In Reply to: a point of view or what does it take to be...? posted by Wulf on February 14, 2003 at 05:28:45:

:Hi folks,

:thanks to Linnaeus we today have a quite well organized system in systematics. But on the other hand there are some more or less uncertain definitions of what makes a genus, a species, a subspecies or only a race.

Since it seems from later posts in this thread that you might be hoping for opinions, here's mine: the definitions of `genus', `species', `subspecies', and `race' aren't uncertain, they're nonexistent. The `biological species concept', the most widely accepted definition of what a species is, and one often taught as `the' species definition in major textbooks (such as Campbell et al's `Biology') is simply inapplicable to many taxa (many ferns, for instance, and among herps, Cnemidophorus, Lacerta, and other genera with asexually-reproducing species) and which also faces a good bit of opposition on theoretical grounds from many taxonomists. OTOH, I don't think there's a better species concept waiting on the wings. And things aren't a lot better for genera and subspecies... a lot of taxonomists would like to see subspecies done away with entirely, and a genus is nothing more than a taxon more inclusive than species and less inclusive than `tribe' or `subfamily' (or whatever taxon level a given taxonomist chooses to recognize as being at the next level up from genus... another place where there isn't a solid consensus).

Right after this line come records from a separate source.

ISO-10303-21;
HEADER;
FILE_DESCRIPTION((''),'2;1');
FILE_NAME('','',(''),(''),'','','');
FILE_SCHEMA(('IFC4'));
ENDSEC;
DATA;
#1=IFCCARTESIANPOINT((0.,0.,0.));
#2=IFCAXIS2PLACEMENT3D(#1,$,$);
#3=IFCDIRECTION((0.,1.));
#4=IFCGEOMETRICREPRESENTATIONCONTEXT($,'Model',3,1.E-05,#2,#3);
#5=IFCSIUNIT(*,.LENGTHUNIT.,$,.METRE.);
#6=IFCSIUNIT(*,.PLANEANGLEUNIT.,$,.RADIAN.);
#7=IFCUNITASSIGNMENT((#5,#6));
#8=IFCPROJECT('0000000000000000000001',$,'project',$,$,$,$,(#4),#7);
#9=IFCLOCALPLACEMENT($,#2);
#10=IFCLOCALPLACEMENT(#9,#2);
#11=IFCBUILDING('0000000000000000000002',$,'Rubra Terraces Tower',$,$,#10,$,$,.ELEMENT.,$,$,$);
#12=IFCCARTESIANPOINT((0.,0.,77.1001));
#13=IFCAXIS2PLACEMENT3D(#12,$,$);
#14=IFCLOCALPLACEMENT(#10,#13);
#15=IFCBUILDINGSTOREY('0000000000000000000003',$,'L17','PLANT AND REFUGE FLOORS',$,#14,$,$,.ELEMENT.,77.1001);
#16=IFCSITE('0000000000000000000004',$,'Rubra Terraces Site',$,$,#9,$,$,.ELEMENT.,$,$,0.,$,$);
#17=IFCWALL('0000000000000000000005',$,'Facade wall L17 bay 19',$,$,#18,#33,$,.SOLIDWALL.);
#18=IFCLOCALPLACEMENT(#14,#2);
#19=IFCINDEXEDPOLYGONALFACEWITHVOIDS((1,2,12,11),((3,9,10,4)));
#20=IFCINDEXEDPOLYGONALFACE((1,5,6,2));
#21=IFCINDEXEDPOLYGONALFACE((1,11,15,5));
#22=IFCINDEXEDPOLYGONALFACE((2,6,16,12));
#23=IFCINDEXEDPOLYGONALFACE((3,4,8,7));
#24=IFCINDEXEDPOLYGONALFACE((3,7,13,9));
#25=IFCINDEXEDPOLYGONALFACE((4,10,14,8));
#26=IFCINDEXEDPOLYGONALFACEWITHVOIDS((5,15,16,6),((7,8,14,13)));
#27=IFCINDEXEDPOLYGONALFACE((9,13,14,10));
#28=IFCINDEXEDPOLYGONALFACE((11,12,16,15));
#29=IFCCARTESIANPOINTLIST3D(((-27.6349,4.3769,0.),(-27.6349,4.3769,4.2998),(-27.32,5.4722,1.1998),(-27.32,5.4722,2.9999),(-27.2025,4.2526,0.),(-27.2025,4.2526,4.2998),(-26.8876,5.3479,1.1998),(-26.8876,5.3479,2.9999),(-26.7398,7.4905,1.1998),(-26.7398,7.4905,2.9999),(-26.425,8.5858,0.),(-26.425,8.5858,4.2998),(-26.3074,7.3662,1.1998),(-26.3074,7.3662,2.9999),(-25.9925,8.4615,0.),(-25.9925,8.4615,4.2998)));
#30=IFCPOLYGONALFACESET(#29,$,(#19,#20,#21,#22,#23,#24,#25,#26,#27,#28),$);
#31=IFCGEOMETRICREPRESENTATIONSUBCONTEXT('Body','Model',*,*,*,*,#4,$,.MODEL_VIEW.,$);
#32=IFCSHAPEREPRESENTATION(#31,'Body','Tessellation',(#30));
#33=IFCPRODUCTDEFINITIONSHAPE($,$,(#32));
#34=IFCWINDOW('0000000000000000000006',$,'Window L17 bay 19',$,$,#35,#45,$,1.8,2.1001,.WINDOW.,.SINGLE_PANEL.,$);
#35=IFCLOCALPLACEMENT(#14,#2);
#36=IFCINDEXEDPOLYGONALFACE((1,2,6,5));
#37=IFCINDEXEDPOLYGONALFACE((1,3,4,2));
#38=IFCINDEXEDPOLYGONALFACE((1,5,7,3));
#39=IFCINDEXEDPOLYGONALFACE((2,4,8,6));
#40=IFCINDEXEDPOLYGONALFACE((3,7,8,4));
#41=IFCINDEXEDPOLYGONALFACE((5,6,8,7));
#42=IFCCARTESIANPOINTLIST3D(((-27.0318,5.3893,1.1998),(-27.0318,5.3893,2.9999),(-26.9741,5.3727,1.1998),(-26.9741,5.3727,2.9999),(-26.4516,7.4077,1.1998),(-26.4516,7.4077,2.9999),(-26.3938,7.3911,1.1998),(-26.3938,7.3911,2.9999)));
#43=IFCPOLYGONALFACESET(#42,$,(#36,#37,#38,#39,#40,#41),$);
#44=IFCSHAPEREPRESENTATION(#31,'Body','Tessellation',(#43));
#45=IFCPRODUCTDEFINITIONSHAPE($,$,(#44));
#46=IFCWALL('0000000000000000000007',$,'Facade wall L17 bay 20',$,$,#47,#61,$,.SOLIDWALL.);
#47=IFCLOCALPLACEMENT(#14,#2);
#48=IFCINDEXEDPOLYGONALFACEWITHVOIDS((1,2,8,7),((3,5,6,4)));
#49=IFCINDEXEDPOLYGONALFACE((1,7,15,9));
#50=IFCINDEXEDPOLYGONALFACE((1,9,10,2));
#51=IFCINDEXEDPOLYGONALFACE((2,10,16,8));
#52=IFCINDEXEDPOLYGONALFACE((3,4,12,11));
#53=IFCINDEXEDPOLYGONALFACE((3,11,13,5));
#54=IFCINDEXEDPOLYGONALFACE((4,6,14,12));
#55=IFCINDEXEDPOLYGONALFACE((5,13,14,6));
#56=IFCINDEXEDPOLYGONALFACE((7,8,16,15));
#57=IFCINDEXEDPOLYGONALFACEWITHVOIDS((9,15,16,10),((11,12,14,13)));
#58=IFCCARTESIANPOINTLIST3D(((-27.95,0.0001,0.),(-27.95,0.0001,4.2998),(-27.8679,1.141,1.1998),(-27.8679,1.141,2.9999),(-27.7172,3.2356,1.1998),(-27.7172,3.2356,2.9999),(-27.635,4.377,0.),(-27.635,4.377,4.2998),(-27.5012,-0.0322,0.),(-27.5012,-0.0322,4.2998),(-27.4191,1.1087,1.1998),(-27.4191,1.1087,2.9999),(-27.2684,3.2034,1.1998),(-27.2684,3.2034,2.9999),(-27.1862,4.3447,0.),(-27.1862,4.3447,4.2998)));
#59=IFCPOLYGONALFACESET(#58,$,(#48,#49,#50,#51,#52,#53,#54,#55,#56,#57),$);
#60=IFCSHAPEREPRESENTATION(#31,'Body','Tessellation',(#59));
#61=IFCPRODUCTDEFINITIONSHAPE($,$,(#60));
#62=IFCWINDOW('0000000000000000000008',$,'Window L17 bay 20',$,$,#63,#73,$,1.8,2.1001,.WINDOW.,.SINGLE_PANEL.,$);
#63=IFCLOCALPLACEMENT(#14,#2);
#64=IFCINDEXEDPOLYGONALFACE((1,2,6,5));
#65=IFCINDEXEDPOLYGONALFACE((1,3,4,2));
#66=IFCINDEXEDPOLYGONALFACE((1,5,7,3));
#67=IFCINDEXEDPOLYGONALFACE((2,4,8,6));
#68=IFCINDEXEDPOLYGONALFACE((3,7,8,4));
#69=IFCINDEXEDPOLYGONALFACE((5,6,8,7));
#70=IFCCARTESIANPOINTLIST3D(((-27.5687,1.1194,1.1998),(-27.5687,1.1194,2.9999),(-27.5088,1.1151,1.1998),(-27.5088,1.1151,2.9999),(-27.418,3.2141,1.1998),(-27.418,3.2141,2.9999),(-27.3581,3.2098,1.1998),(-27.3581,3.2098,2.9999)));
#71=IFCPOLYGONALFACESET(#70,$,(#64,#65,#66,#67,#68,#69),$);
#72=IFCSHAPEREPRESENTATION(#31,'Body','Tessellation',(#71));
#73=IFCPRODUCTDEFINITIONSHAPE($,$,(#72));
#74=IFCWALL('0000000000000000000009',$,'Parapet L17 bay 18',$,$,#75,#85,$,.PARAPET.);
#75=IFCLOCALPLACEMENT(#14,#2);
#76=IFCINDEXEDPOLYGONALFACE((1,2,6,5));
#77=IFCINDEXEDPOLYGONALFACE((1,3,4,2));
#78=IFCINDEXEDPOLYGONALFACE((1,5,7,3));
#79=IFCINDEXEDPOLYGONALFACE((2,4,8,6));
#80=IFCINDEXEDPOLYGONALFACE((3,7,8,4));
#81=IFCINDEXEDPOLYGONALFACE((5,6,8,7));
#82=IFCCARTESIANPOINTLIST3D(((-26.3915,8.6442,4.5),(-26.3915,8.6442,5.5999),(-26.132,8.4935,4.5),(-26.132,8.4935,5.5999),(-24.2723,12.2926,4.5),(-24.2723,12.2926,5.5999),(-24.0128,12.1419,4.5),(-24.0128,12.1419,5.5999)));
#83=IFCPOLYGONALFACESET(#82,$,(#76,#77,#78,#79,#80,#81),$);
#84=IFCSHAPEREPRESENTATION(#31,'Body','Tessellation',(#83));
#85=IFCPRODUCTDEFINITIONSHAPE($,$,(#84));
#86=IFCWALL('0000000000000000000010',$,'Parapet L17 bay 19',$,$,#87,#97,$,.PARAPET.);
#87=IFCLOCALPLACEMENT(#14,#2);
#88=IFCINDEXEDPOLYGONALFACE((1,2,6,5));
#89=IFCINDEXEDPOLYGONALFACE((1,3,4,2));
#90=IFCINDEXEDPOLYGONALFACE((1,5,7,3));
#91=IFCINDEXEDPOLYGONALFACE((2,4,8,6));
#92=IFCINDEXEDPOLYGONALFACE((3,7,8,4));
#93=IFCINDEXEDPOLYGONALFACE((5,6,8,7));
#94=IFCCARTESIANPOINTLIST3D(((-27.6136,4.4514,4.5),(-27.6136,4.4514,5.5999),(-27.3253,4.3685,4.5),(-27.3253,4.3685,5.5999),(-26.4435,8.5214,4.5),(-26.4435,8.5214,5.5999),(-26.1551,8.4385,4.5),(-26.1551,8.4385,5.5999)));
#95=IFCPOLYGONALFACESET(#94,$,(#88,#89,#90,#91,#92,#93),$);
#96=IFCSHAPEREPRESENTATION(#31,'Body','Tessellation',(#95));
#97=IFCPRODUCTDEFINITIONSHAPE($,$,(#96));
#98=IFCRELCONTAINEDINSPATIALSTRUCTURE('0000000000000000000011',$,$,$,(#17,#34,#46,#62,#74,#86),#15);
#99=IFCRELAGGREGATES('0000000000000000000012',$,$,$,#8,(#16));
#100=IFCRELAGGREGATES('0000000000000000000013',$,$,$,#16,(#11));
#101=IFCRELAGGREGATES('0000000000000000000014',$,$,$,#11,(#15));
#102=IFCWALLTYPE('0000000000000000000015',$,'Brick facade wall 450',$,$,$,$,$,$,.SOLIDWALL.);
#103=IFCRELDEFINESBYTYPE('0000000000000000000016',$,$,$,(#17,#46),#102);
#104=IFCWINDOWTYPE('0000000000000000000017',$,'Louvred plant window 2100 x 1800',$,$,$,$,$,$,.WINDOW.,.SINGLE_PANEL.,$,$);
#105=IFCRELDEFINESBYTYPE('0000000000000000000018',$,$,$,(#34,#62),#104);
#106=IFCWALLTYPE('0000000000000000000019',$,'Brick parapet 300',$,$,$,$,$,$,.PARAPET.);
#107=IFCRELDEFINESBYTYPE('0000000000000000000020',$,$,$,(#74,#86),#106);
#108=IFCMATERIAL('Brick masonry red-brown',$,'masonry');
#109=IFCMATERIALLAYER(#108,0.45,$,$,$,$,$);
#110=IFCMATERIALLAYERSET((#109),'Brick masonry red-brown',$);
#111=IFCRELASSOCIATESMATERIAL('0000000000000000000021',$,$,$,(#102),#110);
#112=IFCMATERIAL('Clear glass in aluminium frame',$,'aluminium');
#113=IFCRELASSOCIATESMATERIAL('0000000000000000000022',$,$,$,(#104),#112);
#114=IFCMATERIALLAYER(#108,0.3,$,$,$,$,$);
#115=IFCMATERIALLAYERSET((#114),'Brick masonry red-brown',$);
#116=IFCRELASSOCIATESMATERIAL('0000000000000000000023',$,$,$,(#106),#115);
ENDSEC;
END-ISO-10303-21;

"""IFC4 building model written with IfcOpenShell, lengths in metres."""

from ifc_helpers import new_model, si_unit, direction, frame, frame_2d, origin, place, context, subcontext, project, spatial, rectangle, extrude, material, layer, layer_set, type_object, element, fill, save


model = new_model("IFC4")

# Units and contexts
model_context = context("Model", 3, precision=1e-05, world=origin(), true_north=direction((0.0, 1.0)))
body_context = subcontext(model_context, "Body", "Model", "MODEL_VIEW")
ifc_project = project(units=[si_unit("LENGTHUNIT", "METRE"), si_unit("PLANEANGLEUNIT", "RADIAN")], contexts=[model_context])

# Site, building, storey
site_placement = place(None, origin())
site = spatial("IfcSite", under=ifc_project, at=site_placement, Name="Rubra Terraces Site", CompositionType="ELEMENT", RefElevation=0.0)
building_placement = place(site_placement, origin())
building = spatial("IfcBuilding", under=site, at=building_placement, Name="Rubra Terraces Tower", CompositionType="ELEMENT")
storey_placement = place(building_placement, frame((0.0, 0.0, 77.1001)))
storey = spatial("IfcBuildingStorey", under=building, at=storey_placement, Name="L17", Description="PLANT AND REFUGE FLOORS", CompositionType="ELEMENT", Elevation=77.1001)

# Walls, openings, windows
ifc_material_1 = material(Name="Brick masonry red-brown", Category="masonry")
ifc_layer_1 = layer(ifc_material_1, 0.45)
ifc_layer_set_1 = layer_set([ifc_layer_1], Name="Brick masonry red-brown")
wall_type_1 = type_object("IfcWallType", Name="Brick facade wall 450", PredefinedType="SOLIDWALL", material=ifc_layer_set_1)
wall_1_placement = place(storey_placement, frame((-26.2087, 8.5237, 0.0), z_axis=(0.0, 0.0, 1.0), x_axis=(-0.276282, -0.961077, 0.0)))
wall_1 = element("IfcWall", 1, at=wall_1_placement, inside=storey, type_object=wall_type_1, Name="Facade wall L17 bay 19", PredefinedType="SOLIDWALL", context=body_context, shape_type="SweptSolid", body=[
    extrude(rectangle(XDim=4.3794, YDim=0.45, at=frame_2d((2.1897, 0.0))), origin(), (0.0, 0.0, 1.0), 4.2998),
])
opening_1_placement = place(wall_1_placement, frame((1.1396, 0.0, 1.2)))
opening_1 = element("IfcOpeningElement", 2, at=opening_1_placement, cuts=wall_1, PredefinedType="OPENING", context=body_context, shape_type="SweptSolid", body=[
    extrude(rectangle(XDim=2.1001, YDim=1.8, at=frame_2d((1.05, 0.8999))), frame((0.0, 0.2349, 0.0), z_axis=(0.0, -1.0, 0.0), x_axis=(1.0, 0.0, 0.0)), (0.0, 0.0, 1.0), 0.47),
])
ifc_material_2 = material(Name="Clear glass in aluminium frame", Category="aluminium")
window_type = type_object("IfcWindowType", Name="Louvred plant window 2100 x 1800", PartitioningType="SINGLE_PANEL", PredefinedType="WINDOW", material=ifc_material_2)
window_1_placement = place(opening_1_placement, origin())
window_1 = element("IfcWindow", 3, at=window_1_placement, inside=storey, type_object=window_type, Name="Window L17 bay 19", OverallHeight=1.8, OverallWidth=2.1001, PartitioningType="SINGLE_PANEL", PredefinedType="WINDOW", context=body_context, shape_type="SweptSolid", body=[
    extrude(rectangle(XDim=2.1001, YDim=1.8, at=frame_2d((1.05, 0.8999))), frame((0.0, 0.135, 0.0), z_axis=(0.0, -1.0, 0.0), x_axis=(1.0, 0.0, 0.0)), (0.0, 0.0, 1.0), 0.0601),
])
fill(opening_1, window_1)
wall_2_placement = place(storey_placement, frame((-27.4106, 4.3608, 0.0), z_axis=(0.0, 0.0, 1.0), x_axis=(-0.071769, -0.997421, 0.0)))
wall_2 = element("IfcWall", 4, at=wall_2_placement, inside=storey, type_object=wall_type_1, Name="Facade wall L17 bay 20", PredefinedType="SOLIDWALL", context=body_context, shape_type="SweptSolid", body=[
    extrude(rectangle(XDim=4.3882, YDim=0.45, at=frame_2d((2.1941, 0.0))), origin(), (0.0, 0.0, 1.0), 4.2998),
])
opening_2_placement = place(wall_2_placement, frame((1.1443, 0.0, 1.2)))
opening_2 = element("IfcOpeningElement", 5, at=opening_2_placement, cuts=wall_2, PredefinedType="OPENING", context=body_context, shape_type="SweptSolid", body=[
    extrude(rectangle(XDim=2.1001, YDim=1.8, at=frame_2d((1.05, 0.8999))), frame((0.0, 0.2349, 0.0), z_axis=(0.0, -1.0, 0.0), x_axis=(1.0, 0.0, 0.0)), (0.0, 0.0, 1.0), 0.47),
])
window_2_placement = place(opening_2_placement, origin())
window_2 = element("IfcWindow", 6, at=window_2_placement, inside=storey, type_object=window_type, Name="Window L17 bay 20", OverallHeight=1.8, OverallWidth=2.1001, PartitioningType="SINGLE_PANEL", PredefinedType="WINDOW", context=body_context, shape_type="SweptSolid", body=[
    extrude(rectangle(XDim=2.1001, YDim=1.8, at=frame_2d((1.05, 0.8999))), frame((0.0, 0.135, 0.0), z_axis=(0.0, -1.0, 0.0), x_axis=(1.0, 0.0, 0.0)), (0.0, 0.0, 1.0), 0.0601),
])
fill(opening_2, window_2)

:As for the family of pythonidae i.e. Stimson & Underwood (1990) lumped together almost (except Aspidites) all indo-australian pythons into the genus Morelia but this genus already had a key as well as others genus did. Other taxonomists seperated them again and Kluge (1993) for instance ignored the validity of Liasis fuscus but placed him into Liasis mackloti as a race (if you have a closer look at these two you'll find out a lot of differences, including locality).
:So there were different points of view and I guess all of them somehow had their right.

So far as how inclusive a taxonomist wants a genus to be, that's simply a matter of personal discretion. So long as the genus is monophyletic (and some taxonomists wouldn't even require that) and doesn't either include larger taxa or become included in a smaller taxon, anything goes.

:But what makes specimen to a subspecies? Is it only a perhaps remote locality where it occurs or maybe a slightly different morphology (i.e. a second pair of parietals or a higher ventral or subcaudal scale count; +-2 or 3 scales) ?

In practice, a subspecies is simply any subset of a species that is reasonably distinct geographically and morphologically.

:What is a race worth in taxonomy and how would one describe it?

I hadn't thought races even had any taxonomic standing. It's just a word you use when you only want to talk about a subset of a species, but that subset doesn't have any formal designation.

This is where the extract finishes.